There were 234 confirmed cases and 24 deaths related to the COVID-19 as of February 24, 2021.

==Geography==
===Towns and villages===
In 2005 there were 376 settlements. The largest are as follows:

| Localidad | Población |
|---|---|
| Total Municipio | 41,975 |
| Coyuca de Catalán | 7,435 |
| Amuco de la Reforma | 2,661 |
| Paso de Arena | 2,272 |
| Placeres del Oro | 1,693 |
| Santa Teresa | 1,454 |
| Patambo | 1,076 |
| Santo Domingo | 1,442 |

==Administration==
===Municipal presidents===

| President | Period |
|---|---|
| Enrique Gomezcaña Nájera | 1963-1965 |
| Joel Antuñez Barrera | 1966-1968 |
| José Garibaldi Gómez Huerta | 1969-1971 |
| Humberto Nàjera Gomezcaña | 1972-1974 |
| Alicia Buitrón Brugada | 1975-1977 |
| Luis Brugada Echeverría | 1978-1980 |
| Celestino Araujo Goicochea | 1981-1983 |
| José Gómez Suazo | 1984-1986 |
| Ignacio Domínguez Morales | 1987-1989 |
| Salathiel Romero Martínez | 1990-1993 |
| Martín Montaño Buitrón | 1993-1996 |
| Abel Echeverría Pineda | 1996-1999 |
| Rafael Higuera Sandoval | 1999-2002 |
| Alfonso Manjarrez Gómez | 2002-2005 |
| Andrés Peralta Santamaría (Interino) | 2005 |
| Felipe de Jesús Cabrera González (Interino) | 2005 |
| Orbelín Pineda Maldonado | 2005-2008 |
| Francisco Chávez Araujo (Interino) | 2008 |
| Elí Camacho Goichochea | 2009-2012 |
| Gerzain Chávez Gómez (Interino) | 2012 |
| Rey Hilario Serrano | 2012-2015 |
| Abel Montufar Mendoza | 2015-2018 |
| Juvenal Pineda Pineda (Interino) | 2018 |
| Eusebio Echeverría Tabares | 2018-2021 |

==Organized crime==
A group of gunmen entered Puerto El Bálsamo, burning 60 houses and looting 15 vinatas (mezcal factories) in 2020.
320 mezcal producers left the town of Zihuaquio on January 26, 2020 after attacks by criminal groups operating in the area.
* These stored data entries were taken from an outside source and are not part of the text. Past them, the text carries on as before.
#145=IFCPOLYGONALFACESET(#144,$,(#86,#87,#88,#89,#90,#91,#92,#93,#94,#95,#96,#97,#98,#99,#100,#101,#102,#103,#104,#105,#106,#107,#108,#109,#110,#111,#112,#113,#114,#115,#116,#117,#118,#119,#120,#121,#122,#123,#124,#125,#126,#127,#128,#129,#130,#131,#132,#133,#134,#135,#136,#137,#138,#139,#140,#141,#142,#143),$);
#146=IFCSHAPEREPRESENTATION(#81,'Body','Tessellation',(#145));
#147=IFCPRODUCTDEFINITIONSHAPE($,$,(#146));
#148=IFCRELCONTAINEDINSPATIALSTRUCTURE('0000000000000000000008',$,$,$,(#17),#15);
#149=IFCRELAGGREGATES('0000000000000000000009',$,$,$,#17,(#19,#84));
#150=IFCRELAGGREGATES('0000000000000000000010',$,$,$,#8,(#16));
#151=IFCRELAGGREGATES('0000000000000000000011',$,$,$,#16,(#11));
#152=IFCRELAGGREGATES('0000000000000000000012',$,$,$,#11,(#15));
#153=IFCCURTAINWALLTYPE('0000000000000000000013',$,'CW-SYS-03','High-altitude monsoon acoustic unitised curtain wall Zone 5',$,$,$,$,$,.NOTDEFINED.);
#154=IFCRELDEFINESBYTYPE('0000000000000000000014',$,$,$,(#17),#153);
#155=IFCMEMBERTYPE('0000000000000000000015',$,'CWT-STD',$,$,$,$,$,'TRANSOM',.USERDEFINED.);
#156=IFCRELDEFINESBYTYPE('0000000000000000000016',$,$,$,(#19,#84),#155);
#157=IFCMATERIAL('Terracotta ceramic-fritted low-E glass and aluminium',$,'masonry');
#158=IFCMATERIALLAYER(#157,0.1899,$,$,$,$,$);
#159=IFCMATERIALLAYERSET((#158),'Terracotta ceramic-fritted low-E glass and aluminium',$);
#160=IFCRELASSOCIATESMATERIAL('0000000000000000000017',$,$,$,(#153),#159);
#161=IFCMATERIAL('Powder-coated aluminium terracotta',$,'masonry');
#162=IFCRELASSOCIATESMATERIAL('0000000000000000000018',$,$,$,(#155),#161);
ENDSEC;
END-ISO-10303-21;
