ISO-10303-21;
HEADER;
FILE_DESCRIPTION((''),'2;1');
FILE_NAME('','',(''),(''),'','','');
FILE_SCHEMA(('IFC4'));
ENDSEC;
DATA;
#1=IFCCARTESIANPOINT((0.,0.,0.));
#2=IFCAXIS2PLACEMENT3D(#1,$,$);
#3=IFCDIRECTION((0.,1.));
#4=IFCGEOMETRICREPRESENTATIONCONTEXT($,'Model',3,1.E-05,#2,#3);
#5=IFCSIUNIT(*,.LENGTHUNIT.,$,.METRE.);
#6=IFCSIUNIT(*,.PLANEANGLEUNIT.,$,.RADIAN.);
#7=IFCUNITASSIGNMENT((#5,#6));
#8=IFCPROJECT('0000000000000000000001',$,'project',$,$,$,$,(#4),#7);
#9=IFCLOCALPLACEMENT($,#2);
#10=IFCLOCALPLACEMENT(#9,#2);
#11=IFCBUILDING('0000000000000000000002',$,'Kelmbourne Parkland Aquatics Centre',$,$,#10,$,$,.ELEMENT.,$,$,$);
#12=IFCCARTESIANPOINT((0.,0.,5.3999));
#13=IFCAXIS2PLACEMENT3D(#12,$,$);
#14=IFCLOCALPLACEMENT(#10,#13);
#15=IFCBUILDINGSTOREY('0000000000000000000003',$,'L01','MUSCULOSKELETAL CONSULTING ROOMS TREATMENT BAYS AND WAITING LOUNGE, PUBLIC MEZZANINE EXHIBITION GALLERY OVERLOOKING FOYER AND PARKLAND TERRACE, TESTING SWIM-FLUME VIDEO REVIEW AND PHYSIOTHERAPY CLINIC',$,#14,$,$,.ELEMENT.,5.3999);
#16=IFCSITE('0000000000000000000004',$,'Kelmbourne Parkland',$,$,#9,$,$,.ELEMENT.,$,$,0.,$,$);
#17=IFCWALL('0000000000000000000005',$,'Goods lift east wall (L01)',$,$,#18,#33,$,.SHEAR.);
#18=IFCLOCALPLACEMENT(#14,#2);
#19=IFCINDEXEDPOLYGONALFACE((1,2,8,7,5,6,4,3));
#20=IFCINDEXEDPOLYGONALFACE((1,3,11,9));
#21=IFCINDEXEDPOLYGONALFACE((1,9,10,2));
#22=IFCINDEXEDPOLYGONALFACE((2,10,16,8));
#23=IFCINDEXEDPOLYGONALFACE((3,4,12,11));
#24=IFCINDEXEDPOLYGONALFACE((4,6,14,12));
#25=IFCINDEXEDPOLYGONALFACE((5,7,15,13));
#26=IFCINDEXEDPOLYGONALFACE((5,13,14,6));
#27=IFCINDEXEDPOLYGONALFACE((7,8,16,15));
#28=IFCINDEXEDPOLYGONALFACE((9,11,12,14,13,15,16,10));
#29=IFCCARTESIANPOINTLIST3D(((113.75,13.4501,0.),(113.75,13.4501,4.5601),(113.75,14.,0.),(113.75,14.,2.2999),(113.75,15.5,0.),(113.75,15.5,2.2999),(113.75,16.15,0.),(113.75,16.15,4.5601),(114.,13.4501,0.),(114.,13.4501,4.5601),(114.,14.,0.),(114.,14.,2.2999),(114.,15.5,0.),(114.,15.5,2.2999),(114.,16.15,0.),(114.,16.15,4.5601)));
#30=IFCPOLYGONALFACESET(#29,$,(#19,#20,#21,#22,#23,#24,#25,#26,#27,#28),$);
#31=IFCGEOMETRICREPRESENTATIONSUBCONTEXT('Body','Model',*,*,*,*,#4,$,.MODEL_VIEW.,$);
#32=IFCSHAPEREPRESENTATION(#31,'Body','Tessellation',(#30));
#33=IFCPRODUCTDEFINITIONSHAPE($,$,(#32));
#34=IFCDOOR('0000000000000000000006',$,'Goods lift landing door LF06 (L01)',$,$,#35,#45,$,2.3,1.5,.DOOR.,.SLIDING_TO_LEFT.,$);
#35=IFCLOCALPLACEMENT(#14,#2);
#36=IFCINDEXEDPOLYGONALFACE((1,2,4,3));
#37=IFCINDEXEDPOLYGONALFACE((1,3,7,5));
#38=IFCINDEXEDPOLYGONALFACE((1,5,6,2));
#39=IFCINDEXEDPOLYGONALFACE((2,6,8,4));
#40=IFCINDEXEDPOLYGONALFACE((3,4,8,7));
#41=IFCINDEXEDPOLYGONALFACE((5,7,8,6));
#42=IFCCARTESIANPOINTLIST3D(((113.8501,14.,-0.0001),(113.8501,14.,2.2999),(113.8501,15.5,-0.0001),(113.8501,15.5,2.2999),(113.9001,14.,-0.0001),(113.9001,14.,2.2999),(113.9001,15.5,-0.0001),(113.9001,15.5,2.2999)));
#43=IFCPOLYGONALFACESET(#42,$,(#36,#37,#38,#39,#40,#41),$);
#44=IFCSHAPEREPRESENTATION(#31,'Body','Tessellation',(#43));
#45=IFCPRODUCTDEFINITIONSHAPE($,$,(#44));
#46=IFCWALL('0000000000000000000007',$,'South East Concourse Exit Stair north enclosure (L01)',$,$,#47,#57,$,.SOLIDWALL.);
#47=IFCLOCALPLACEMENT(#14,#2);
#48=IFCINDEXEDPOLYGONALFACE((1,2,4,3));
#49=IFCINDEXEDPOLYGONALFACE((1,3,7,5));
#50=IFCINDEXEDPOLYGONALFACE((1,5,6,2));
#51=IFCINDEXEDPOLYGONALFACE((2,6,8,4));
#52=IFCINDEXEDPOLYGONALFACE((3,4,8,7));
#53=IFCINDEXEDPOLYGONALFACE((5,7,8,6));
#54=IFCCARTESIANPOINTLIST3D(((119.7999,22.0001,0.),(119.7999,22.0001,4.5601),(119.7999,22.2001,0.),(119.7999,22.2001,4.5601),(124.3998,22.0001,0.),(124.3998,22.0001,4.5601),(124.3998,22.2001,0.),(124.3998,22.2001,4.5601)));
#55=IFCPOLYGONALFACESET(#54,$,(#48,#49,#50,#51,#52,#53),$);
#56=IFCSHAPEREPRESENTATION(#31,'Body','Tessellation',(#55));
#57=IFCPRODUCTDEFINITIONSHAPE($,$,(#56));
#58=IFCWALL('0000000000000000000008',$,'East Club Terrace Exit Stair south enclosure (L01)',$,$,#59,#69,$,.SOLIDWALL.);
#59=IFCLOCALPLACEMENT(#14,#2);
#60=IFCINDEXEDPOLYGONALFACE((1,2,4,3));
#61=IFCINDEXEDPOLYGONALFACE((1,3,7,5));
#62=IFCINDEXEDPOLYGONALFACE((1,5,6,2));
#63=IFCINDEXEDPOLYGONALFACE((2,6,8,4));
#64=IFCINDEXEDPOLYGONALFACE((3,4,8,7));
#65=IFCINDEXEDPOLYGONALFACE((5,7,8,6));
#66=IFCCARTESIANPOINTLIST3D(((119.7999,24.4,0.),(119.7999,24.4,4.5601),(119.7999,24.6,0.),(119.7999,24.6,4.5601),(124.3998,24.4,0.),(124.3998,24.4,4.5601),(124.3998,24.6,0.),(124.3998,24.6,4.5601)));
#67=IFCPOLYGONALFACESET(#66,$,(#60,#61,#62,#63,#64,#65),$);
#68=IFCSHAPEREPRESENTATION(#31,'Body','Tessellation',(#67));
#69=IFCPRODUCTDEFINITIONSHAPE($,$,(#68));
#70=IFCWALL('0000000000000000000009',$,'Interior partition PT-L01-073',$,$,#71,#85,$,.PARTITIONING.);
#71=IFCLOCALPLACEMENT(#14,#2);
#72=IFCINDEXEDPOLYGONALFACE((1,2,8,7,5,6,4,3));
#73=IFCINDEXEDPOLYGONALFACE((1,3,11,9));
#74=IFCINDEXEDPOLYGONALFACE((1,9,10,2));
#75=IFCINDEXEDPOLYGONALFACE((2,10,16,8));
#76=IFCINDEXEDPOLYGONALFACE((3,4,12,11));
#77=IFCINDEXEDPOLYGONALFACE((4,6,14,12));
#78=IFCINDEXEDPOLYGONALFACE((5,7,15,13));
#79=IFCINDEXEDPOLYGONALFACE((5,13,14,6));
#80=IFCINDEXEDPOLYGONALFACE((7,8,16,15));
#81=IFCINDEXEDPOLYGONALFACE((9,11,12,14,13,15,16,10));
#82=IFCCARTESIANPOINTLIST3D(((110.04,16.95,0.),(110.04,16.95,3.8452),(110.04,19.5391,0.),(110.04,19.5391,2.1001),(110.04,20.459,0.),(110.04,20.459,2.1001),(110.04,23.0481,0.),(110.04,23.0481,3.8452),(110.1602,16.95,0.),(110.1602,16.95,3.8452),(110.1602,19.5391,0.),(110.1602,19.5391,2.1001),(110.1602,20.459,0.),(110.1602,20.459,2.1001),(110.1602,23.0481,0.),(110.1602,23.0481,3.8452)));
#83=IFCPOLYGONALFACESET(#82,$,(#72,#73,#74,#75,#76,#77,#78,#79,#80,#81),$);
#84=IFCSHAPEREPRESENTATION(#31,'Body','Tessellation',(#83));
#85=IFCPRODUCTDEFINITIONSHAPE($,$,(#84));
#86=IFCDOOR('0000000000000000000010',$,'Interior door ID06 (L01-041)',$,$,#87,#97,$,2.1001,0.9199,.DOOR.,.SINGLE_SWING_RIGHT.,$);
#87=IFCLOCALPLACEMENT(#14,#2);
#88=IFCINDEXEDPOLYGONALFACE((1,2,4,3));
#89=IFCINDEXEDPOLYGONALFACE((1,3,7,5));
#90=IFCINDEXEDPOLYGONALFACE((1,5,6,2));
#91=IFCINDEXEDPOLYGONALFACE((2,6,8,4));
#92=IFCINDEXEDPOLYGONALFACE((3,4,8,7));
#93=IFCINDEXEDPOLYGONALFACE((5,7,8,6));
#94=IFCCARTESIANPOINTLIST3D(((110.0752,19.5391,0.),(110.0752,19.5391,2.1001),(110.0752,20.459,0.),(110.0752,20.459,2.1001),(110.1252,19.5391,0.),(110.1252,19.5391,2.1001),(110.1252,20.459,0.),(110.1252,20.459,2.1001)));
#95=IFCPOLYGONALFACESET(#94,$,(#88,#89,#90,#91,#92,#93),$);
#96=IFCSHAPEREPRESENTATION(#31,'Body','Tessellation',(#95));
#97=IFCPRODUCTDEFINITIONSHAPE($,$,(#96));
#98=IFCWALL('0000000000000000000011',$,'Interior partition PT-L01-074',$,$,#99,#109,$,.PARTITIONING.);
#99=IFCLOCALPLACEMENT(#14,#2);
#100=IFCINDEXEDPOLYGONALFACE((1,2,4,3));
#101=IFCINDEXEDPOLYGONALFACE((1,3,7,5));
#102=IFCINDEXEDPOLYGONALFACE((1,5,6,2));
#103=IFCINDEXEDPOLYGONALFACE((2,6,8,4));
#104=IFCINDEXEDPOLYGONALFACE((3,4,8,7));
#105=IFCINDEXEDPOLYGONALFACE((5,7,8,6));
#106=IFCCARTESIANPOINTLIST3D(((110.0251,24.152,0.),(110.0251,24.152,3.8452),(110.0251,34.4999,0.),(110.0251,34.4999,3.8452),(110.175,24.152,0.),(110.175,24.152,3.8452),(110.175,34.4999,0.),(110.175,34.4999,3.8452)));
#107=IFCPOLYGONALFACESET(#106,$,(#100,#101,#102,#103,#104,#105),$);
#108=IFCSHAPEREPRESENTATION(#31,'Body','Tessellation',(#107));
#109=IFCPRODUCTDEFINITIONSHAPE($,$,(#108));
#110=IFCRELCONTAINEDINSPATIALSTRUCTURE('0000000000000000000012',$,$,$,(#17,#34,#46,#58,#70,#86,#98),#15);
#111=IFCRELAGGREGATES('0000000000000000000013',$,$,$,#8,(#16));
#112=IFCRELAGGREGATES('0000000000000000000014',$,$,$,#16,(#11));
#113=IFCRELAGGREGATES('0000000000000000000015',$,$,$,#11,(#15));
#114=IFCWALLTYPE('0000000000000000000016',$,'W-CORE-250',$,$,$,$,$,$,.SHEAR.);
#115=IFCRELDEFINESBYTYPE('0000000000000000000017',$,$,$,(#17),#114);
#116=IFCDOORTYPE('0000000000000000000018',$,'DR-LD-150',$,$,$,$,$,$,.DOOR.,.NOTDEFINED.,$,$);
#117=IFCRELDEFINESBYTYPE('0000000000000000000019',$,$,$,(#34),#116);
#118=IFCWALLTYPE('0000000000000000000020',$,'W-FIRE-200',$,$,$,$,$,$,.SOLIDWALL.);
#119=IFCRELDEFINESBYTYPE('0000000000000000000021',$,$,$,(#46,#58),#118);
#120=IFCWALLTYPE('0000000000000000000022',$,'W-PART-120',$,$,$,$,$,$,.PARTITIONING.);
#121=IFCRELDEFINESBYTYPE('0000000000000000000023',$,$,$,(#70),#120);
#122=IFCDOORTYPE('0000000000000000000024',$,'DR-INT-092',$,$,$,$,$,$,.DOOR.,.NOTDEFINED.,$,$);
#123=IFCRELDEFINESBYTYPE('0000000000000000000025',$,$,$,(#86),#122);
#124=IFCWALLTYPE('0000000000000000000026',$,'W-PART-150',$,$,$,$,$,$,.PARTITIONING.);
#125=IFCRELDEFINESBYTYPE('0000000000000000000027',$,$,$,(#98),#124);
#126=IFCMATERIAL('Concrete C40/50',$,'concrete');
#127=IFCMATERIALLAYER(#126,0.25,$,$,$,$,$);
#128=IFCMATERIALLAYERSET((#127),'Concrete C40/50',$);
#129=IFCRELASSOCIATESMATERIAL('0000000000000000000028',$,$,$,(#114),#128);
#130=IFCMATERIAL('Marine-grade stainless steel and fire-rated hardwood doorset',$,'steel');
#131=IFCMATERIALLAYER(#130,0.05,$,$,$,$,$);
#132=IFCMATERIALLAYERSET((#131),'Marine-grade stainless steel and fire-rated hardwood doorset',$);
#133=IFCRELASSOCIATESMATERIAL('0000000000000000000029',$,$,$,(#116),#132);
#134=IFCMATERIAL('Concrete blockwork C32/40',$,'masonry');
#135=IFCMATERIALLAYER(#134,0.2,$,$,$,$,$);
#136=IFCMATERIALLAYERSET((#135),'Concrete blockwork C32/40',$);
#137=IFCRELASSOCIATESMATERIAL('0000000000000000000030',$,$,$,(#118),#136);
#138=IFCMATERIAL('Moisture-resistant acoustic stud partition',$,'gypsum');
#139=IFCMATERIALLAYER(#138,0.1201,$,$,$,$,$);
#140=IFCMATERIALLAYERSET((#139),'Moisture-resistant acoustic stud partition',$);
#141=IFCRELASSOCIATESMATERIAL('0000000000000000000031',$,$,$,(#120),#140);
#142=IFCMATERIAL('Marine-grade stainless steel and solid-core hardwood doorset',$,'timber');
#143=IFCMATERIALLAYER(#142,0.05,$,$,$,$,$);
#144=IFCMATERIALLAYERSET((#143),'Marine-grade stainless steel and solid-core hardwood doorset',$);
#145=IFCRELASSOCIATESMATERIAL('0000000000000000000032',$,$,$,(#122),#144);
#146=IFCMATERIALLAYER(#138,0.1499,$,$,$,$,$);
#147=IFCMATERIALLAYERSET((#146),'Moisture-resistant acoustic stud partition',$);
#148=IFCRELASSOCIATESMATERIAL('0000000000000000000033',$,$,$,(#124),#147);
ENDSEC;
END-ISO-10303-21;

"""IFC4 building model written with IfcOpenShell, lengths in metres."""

from ifc_helpers import new_model, si_unit, direction, frame, frame_2d, origin, place, context, subcontext, project, spatial, rectangle, extrude, material, layer, layer_set, type_object, element, fill, save


model = new_model("IFC4")

# Units and contexts
model_context = context("Model", 3, precision=1e-05, world=origin(), true_north=direction((0.0, 1.0)))
body_context = subcontext(model_context, "Body", "Model", "MODEL_VIEW")
ifc_project = project(units=[si_unit("LENGTHUNIT", "METRE"), si_unit("PLANEANGLEUNIT", "RADIAN")], contexts=[model_context])

# Site, building, storey
site_placement = place(None, origin())
site = spatial("IfcSite", under=ifc_project, at=site_placement, Name="Kelmbourne Parkland", CompositionType="ELEMENT", RefElevation=0.0)
building_placement = place(site_placement, origin())
building = spatial("IfcBuilding", under=site, at=building_placement, Name="Kelmbourne Parkland Aquatics Centre", CompositionType="ELEMENT")
storey_placement = place(building_placement, frame((0.0, 0.0, 5.3999)))
storey = spatial("IfcBuildingStorey", under=building, at=storey_placement, Name="L01", Description="MUSCULOSKELETAL CONSULTING ROOMS TREATMENT BAYS AND WAITING LOUNGE, PUBLIC MEZZANINE EXHIBITION GALLERY OVERLOOKING FOYER AND PARKLAND TERRACE, TESTING SWIM-FLUME VIDEO REVIEW AND PHYSIOTHERAPY CLINIC", CompositionType="ELEMENT", Elevation=5.3999)

# Shared definitions
ifc_material_1 = material(Name="Concrete C40/50", Category="concrete")

# Shared definitions
ifc_layer_1 = layer(ifc_material_1, 0.25)
ifc_layer_set_1 = layer_set([ifc_layer_1], Name="Concrete C40/50")
wall_type_1 = type_object("IfcWallType", Name="W-CORE-250", PredefinedType="SHEAR", material=ifc_layer_set_1)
Mezcal provides income in several towns, but due to constant confrontations between alleged drug traffickers, people have had to leave and cannot harvest their crops.

Two women who had been kidnapped by La Familia Michoacana and eight members of the cartel were killed in a confrontation between members of the cartel and townspeople of Hacienda de Dolores on February 25, 2021.

Residents of Los Guajes de Ayala used social media in June 2021 to ask for federal help after three days of being held hostage by La Familia Michoacana. The area is in the middle of the gold and the drug trade.